# Any sources for pre-painted front bumper? Salvage?



## Ncfutrell (Feb 20, 2018)

First and foremost, I hit a dog and am in need of a front bumper cover, non rs. I was hoping to find one that is already painted red with the grill inserts and what not already on it, too. Does anyone have a source for these types of things? I’ve searched some but to no avail. I may be using the wrong keywords.

Would it be wise to check with a dealer whom has a body shop?

Thanks in advance. I’d highly appreciate it.


----------



## mikeebr (May 20, 2018)

Did you try your local junk yard? https://row52.com
Also you might find it on ebay -> https://www.ebay.com/itm/CHEVY-CRUZ...42/162590602658?hash=item25db27b5a2:rk:1:pf:0


----------



## Taxman (Aug 10, 2017)

You can get a front bumper cover from some of the online Chevy dealers for under $300, but my body man wants $600 to paint one. 

I just checked car-part.com for a bumper cover and found a handful of new ones in California, that's it.


----------



## Ncfutrell (Feb 20, 2018)

Thanks for your replies, y’all! 

Yea, the price to paint just the cover prompted me to try to find a new take-off. The quote the insurance gave me isn’t to my liking, especially what they estimate paint to be priced at. Figures are way off imo.

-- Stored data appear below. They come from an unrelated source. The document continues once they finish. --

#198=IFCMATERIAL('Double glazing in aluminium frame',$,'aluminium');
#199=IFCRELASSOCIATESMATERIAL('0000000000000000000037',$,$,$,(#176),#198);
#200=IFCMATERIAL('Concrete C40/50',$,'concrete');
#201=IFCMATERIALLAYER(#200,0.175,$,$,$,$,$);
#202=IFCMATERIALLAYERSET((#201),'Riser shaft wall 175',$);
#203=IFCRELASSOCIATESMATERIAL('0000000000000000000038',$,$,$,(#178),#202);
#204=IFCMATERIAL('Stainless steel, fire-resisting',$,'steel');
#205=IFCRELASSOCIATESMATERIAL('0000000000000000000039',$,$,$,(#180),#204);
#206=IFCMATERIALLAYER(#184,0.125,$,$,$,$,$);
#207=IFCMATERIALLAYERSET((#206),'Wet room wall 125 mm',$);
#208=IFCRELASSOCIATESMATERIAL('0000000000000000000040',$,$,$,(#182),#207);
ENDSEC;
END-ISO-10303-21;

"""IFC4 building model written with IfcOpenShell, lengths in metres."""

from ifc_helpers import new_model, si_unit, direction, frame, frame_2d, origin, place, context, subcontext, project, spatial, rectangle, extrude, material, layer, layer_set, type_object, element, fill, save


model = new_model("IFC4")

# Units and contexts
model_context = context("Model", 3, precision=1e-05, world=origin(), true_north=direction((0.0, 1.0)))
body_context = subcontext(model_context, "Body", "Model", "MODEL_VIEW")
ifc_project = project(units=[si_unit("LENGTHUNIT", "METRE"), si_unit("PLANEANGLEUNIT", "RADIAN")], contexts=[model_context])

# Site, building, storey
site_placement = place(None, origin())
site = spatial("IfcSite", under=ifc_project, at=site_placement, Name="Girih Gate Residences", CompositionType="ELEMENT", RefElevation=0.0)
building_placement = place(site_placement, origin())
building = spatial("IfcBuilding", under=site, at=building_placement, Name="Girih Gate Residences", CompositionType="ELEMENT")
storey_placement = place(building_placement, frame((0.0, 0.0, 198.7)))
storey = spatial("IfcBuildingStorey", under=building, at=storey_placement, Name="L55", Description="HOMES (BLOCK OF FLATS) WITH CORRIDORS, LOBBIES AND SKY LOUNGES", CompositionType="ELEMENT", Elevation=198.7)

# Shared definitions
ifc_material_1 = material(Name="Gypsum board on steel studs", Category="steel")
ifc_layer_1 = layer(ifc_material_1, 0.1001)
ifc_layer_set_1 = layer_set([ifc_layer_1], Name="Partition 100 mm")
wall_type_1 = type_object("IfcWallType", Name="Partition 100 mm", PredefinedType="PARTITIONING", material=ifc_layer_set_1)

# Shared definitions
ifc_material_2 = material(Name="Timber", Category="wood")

I’m going to try a local junkyard and see if they can source one, if not then I’ll just have to get the gm one, and have it painted.

Thanks again people!


----------



## mike12 (Jul 2, 2017)

Taxman said:


> I just checked *car-part.com *for a bumper cover and found a handful of new ones in California, that's it.


I was looking for a bumper cover/grill last year and you can find aftermarket painted bumper covers on e-bay. My main concern and deterrent with on-line pre-painted covers was paint match and quality of the paint job. I would do as Taxman says and search *car-parts.com*. You may get lucky and find one in good condition in the color you need. A caution with the junk yard body parts is finding one that does not need repairs because of scratches or broken tabs. However, if you find one at a local junkyard, you can go see it before purchasing. I ended up just going through a local body shop since I could not locate one in a condition that I could just install without repair and/or paint.


----------



## Blasirl (Mar 31, 2015)

Cruze front fascia - Painted - $171.00 as of 04DEC2018


----------



## guuyuk (Nov 12, 2015)

I've had pretty good success with LKQ, https://www.lkqonline.com


----------



## Ncfutrell (Feb 20, 2018)

Thanks again y’all! More responses than I expected so thank you! Lkq is where progressive got their prices from so I know they have it all. I’d still have to get the bumper painted. 

The eBay link above is for a gen1 but they do the same for gen 2. I’m leaning toward that way if I can’t find a new take off somewhere.


----------